彼女は毎朝律儀に挨拶してくれる。その声が僕の1日の始まりを告げている。といってもその日は仕事もなく、すでに昼過ぎであったが。スケジュールによると他に予定もなく、1日、家に二人きりであった。昼ごはんはビーフシチュー。昨日の残りを温め直したものだ。テーブルの上に並べられた1人分の食事。この光景が生物と機械の壁を意識させる。彼女はこれをどう思っているのだろうか。何度もその疑問を音にしようとして、諦めている。昼食を片付けると、彼女が映画鑑賞を提案してきた。休みの日は家で映画を見るのが、定番になっている。僕が映画のリストを開き、彼女の意見を聞きながらその日の気分に合ったもの一つに絞っていく。流行りの邦画を選ぶことは少なく、最終的に少し古い海外の映画になることが多い。難事件を次々解決する困った探偵とその助手。蔓延してしまった感染症から人類を守る女スパイ。目の前まで迫った隕石を横目に愛を確かめ合う男女。そういった好みを2人ともわかっているため、さくさくを絞り込みが進んでいく。その日選ばれたのは人工知能をテーマにしたかなり古い邦画だった。意識的にか無意識的にか、2人ともこの題材を避けていたところがあった。事実、僕らが並んでAIの映画を見ることは初めてだった。ソファにAI用のディスプレイが置かれ、僕と彼女が横並びになる。お互いに一言も発しないまま、映画が再生された。映画が自体は大した内容ではなかった。僕らにとってはもはや日常となってしまった事柄が、画面に映し出されていく。そう考えると、この監督はかなり正確に未来を予測しているという点で優秀なのだろうが、僕の意識はそこになかった。彼女はどんな顔をしてこの映画を見ているのだろう。この角度からでは彼女の顔を見ることはできない。彼女にとって僕はどんな存在なのだろう。だんだんと映画の中の日常が僕らの日常に溶け込んでいく。画面を隔てた向こう側に、作られたキャラクターたちは生きているのだろうか。いつの間にかテレビに、人間とAIがソファに並んで映画を見ているシーンが映されているような、そんな気がしていた。

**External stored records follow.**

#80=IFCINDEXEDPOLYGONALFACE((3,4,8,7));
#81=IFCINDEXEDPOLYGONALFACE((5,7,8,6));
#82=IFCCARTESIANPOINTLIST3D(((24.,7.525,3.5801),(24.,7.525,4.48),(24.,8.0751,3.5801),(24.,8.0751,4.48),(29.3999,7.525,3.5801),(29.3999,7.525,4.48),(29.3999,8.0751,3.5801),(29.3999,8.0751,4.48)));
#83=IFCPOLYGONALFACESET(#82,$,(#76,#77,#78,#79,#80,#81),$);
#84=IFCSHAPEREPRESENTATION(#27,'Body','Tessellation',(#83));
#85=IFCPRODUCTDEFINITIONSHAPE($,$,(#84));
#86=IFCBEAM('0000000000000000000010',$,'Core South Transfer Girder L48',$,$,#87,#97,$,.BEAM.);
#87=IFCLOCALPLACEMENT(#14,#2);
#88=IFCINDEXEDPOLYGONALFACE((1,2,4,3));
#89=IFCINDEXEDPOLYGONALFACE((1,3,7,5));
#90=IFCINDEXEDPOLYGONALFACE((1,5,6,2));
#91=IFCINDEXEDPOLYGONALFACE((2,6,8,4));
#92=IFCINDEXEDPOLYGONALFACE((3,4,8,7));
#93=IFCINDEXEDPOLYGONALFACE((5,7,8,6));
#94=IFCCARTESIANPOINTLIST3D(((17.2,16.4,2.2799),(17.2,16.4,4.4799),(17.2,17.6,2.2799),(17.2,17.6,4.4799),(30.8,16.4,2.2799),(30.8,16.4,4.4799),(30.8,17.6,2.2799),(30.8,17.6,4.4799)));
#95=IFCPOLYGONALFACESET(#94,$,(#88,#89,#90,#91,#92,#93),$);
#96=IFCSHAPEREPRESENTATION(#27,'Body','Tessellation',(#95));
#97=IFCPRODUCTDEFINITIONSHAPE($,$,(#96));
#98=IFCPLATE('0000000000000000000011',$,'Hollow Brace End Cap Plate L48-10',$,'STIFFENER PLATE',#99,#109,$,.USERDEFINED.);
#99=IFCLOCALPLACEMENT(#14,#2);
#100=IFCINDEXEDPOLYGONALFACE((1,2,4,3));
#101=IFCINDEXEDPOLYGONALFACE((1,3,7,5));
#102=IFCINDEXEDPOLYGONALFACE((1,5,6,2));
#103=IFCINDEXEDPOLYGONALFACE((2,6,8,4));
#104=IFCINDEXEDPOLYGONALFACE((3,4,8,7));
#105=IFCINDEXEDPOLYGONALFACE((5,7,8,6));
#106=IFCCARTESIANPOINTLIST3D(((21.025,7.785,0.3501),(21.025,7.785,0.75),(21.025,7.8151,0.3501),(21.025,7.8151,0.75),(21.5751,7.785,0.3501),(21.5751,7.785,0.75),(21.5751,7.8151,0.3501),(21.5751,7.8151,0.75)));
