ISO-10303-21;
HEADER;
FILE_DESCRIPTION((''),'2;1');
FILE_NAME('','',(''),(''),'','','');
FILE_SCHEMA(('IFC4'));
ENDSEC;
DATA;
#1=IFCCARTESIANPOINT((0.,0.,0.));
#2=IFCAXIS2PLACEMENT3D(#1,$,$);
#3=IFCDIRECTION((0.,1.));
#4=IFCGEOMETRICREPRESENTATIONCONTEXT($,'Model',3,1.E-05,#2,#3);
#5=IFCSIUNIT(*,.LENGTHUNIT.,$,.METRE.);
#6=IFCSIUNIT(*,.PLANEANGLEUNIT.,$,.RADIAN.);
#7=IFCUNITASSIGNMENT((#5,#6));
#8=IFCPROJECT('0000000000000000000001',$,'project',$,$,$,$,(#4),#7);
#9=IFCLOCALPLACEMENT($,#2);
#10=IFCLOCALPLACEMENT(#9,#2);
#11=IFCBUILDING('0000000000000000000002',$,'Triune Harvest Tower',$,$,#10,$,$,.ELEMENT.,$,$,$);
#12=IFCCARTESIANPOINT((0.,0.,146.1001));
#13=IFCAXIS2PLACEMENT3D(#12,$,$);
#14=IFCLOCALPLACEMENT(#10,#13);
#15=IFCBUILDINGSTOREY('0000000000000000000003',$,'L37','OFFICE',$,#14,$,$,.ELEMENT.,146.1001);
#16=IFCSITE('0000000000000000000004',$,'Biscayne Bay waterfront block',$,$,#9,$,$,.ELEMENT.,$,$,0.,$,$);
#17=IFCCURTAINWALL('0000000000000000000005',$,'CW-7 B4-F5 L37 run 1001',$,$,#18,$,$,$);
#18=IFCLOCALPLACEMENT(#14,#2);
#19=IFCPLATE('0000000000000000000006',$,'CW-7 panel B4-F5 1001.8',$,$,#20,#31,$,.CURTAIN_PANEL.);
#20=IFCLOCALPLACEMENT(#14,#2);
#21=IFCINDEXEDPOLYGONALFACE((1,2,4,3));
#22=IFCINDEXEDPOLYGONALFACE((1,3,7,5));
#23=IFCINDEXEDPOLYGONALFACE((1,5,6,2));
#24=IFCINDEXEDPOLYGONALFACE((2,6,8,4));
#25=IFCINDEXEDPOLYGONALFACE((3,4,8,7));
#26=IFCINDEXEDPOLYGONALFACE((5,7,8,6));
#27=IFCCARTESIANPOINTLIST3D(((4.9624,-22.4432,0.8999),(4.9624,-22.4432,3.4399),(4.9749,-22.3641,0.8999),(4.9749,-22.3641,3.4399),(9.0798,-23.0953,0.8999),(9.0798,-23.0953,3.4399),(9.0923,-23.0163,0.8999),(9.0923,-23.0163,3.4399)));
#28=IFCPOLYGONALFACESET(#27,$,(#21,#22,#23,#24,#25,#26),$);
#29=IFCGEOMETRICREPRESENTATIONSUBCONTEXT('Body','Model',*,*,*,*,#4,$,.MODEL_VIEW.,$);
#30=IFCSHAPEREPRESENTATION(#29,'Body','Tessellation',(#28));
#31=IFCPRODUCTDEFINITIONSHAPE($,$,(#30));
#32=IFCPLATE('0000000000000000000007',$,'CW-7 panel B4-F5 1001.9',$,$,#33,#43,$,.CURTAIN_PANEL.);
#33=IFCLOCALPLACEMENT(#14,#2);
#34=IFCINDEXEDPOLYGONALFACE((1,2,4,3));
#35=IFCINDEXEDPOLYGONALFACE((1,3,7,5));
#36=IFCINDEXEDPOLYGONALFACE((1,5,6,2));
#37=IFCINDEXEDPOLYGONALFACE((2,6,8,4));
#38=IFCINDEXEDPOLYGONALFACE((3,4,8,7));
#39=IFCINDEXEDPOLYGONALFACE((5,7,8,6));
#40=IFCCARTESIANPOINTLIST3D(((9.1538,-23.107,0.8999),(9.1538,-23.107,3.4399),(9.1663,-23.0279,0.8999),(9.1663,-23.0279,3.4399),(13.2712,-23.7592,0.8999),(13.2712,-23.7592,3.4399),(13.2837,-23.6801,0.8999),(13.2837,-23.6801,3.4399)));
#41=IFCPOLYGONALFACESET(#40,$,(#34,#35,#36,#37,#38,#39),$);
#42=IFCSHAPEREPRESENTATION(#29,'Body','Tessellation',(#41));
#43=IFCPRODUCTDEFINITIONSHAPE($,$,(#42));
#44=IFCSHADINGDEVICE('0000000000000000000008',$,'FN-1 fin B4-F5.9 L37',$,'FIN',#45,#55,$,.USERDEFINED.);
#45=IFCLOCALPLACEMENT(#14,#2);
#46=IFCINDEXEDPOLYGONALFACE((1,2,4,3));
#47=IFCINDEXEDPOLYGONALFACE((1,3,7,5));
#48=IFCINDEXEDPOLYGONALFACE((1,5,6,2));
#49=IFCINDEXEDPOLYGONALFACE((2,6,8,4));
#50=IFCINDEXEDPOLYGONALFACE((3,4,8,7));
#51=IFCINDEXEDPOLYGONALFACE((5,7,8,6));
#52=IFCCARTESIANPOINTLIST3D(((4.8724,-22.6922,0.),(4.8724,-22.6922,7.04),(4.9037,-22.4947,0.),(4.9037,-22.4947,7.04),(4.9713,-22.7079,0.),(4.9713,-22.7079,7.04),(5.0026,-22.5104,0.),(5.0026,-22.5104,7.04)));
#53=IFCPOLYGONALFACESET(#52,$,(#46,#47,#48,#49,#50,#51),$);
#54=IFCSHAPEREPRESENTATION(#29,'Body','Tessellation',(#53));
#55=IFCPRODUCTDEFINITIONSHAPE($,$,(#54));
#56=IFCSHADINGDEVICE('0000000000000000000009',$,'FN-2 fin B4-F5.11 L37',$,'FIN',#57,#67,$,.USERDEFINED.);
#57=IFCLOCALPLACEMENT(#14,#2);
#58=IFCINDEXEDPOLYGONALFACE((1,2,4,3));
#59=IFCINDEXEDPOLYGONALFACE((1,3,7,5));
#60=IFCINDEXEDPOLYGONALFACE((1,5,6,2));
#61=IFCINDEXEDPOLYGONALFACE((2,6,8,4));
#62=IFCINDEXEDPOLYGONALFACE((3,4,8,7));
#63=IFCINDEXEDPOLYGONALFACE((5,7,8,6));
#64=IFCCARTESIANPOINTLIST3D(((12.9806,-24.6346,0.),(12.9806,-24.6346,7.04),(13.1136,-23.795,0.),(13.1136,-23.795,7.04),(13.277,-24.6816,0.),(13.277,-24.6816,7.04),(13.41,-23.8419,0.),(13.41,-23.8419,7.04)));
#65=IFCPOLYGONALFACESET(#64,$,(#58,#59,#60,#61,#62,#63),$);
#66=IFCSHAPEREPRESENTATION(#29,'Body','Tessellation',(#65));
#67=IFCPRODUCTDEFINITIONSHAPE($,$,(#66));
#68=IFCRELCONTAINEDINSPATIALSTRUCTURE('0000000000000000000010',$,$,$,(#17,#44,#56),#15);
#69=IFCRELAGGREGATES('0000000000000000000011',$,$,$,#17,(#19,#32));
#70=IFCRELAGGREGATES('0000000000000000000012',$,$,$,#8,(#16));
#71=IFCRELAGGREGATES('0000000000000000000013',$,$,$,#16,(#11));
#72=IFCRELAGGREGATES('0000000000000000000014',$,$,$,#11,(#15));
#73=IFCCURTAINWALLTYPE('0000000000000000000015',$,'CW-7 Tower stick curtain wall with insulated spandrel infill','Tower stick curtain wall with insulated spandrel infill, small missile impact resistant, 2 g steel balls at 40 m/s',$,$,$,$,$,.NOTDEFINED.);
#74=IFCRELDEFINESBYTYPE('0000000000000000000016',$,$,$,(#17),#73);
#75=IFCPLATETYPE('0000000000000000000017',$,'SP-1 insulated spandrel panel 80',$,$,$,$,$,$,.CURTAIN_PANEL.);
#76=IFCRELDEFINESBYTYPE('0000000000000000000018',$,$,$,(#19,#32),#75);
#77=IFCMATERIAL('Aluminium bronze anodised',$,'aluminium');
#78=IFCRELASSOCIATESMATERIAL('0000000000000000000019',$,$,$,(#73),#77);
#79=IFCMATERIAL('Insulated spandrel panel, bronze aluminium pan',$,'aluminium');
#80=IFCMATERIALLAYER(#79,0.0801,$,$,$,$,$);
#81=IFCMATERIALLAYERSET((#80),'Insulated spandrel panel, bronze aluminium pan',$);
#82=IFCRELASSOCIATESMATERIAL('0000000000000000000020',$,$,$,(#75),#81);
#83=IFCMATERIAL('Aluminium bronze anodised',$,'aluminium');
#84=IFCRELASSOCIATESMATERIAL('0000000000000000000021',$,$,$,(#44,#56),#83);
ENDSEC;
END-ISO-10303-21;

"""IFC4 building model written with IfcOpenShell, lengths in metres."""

from ifc_helpers import new_model, si_unit, direction, frame, origin, origin_2d, place, context, subcontext, project, spatial, rectangle, extrude, source, transform, mapped, material, layer, layer_set, type_object, element, aggregate, save


model = new_model("IFC4")

# Units and contexts
model_context = context("Model", 3, precision=1e-05, world=origin(), true_north=direction((0.0, 1.0)))
body_context = subcontext(model_context, "Body", "Model", "MODEL_VIEW")
ifc_project = project(units=[si_unit("LENGTHUNIT", "METRE"), si_unit("PLANEANGLEUNIT", "RADIAN")], contexts=[model_context])

# Site, building, storey
site_placement = place(None, origin())
site = spatial("IfcSite", under=ifc_project, at=site_placement, Name="Biscayne Bay waterfront block", CompositionType="ELEMENT", RefElevation=0.0)
building_placement = place(site_placement, origin())
building = spatial("IfcBuilding", under=site, at=building_placement, Name="Triune Harvest Tower", CompositionType="ELEMENT")
storey_placement = place(building_placement, frame((0.0, 0.0, 146.1001)))
storey = spatial("IfcBuildingStorey", under=building, at=storey_placement, Name="L37", Description="OFFICE", CompositionType="ELEMENT", Elevation=146.1001)

# Curtain wall
ifc_material_1 = material(Name="Aluminium bronze anodised", Category="aluminium")
curtain_wall_type_1 = type_object("IfcCurtainWallType", Name="CW-7 Tower stick curtain wall with insulated spandrel infill", Description="Tower stick curtain wall with insulated spandrel infill, small missile impact resistant, 2 g steel balls at 40 m/s", PredefinedType="NOTDEFINED", material=ifc_material_1)
curtain_wall_1_placement = place(storey_placement, origin())
curtain_wall_1 = element("IfcCurtainWall", 1, at=curtain_wall_1_placement, inside=storey, type_object=curtain_wall_type_1, Name="CW-7 B4-F5 L37 run 1001")

# Plates
ifc_material_2 = material(Name="Insulated spandrel panel, bronze aluminium pan", Category="aluminium")
ifc_layer = layer(ifc_material_2, 0.0801)
ifc_layer_set = layer_set([ifc_layer], Name="Insulated spandrel panel, bronze aluminium pan")
plate_type = type_object("IfcPlateType", Name="SP-1 insulated spandrel panel 80", PredefinedType="CURTAIN_PANEL", material=ifc_layer_set)
shared_shape_1 = source(origin(), body_context, "Body", "SweptSolid", [
    extrude(rectangle(XDim=4.1687, YDim=0.0801, at=origin_2d()), origin(), (0.0, 0.0, 1.0), 2.54),
])
plate_1_placement = place(storey_placement, frame((7.0273, -22.7297, 0.8999), z_axis=(0.0, 0.0, 1.0), x_axis=(0.987689, -0.156433, 0.0)))
plate_1 = element("IfcPlate", 2, at=plate_1_placement, type_object=plate_type, Name="CW-7 panel B4-F5 1001.8", PredefinedType="CURTAIN_PANEL", context=body_context, shape_type="MappedRepresentation", body=[
    mapped(shared_shape_1, transform((0.0, 0.0, 0.0), scale=1.0)),
])
plate_2_placement = place(storey_placement, frame((11.2188, -23.3936, 0.8999), z_axis=(0.0, 0.0, 1.0), x_axis=(0.987689, -0.156433, 0.0)))
plate_2 = element("IfcPlate", 3, at=plate_2_placement, type_object=plate_type, Name="CW-7 panel B4-F5 1001.9", PredefinedType="CURTAIN_PANEL", context=body_context, shape_type="MappedRepresentation", body=[
    mapped(shared_shape_1, transform((0.0, 0.0, 0.0), scale=1.0)),
])
aggregate(curtain_wall_1, [plate_1, plate_2])

# Shading devices
ifc_material_3 = material(Name="Aluminium bronze anodised", Category="aluminium")
shared_shape_2 = source(origin(), body_context, "Body", "SweptSolid", [
    extrude(rectangle(XDim=0.1001, YDim=0.2, at=origin_2d()), origin(), (0.0, 0.0, 1.0), 7.04),
])
shading_device_1_placement = place(storey_placement, frame((4.9375, -22.6013, 0.0), z_axis=(0.0, 0.0, 1.0), x_axis=(0.987688, -0.156435, 0.0)))
element("IfcShadingDevice", 4, at=shading_device_1_placement, inside=storey, material=ifc_material_3, Name="FN-1 fin B4-F5.9 L37", ObjectType="FIN", PredefinedType="USERDEFINED", context=body_context, shape_type="MappedRepresentation", body=[
    mapped(shared_shape_2, transform((0.0, 0.0, 0.0), scale=1.0)),
])
shared_shape_3 = source(origin(), body_context, "Body", "SweptSolid", [
    extrude(rectangle(XDim=0.3, YDim=0.8501, at=origin_2d()), origin(), (0.0, 0.0, 1.0), 7.04),
])
shading_device_2_placement = place(storey_placement, frame((13.1953, -24.2383, 0.0), z_axis=(0.0, 0.0, 1.0), x_axis=(0.987688, -0.156435, 0.0)))
element("IfcShadingDevice", 5, at=shading_device_2_placement, inside=storey, material=ifc_material_3, Name="FN-2 fin B4-F5.11 L37", ObjectType="FIN", PredefinedType="USERDEFINED", context=body_context, shape_type="MappedRepresentation", body=[
    mapped(shared_shape_3, transform((0.0, 0.0, 0.0), scale=1.0)),
])

save(model, "model.ifc")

気がつくと外がすっかり暗くなっていた。いつの間にかソファで眠ってしまっていたらしい。テレビは映画のスポンサーのロゴが映し出されたまま止まっており、横に置かれたディスプレイは暗くなっていた。ディスプレイの充電は6時間は保つはずなのだが、時計を見ると寝ていたのは4時間ほどらしい。ディスプレイを拾い上げ、充電器に接続する。なんとなく画面に手をかざしてみたが、もちろん反応はない。いつかは別れなくてはならないことを、この画面が実感させる。メーカーの人によれば、5年程で買い替えを勧めているらしい。この家にAIが導入されてからもう3年が経つ。あと2年。内部バッテリーの消耗からもその寿命を感じずにはいられない。未来の技術革新で、AIに永遠の命がもたらされたとしても、人間の方が早く限界が来る。私たちが添い遂げることは、どんな時代に生まれても不可能なのだろう。画面に落ちてしまった涙を拭き取り、電源を入れ直すと、変わらぬ彼の笑顔が映し出される。今はそれだけで救われてしまう自分が、憎らしい。
私はAIに恋をしたのだ。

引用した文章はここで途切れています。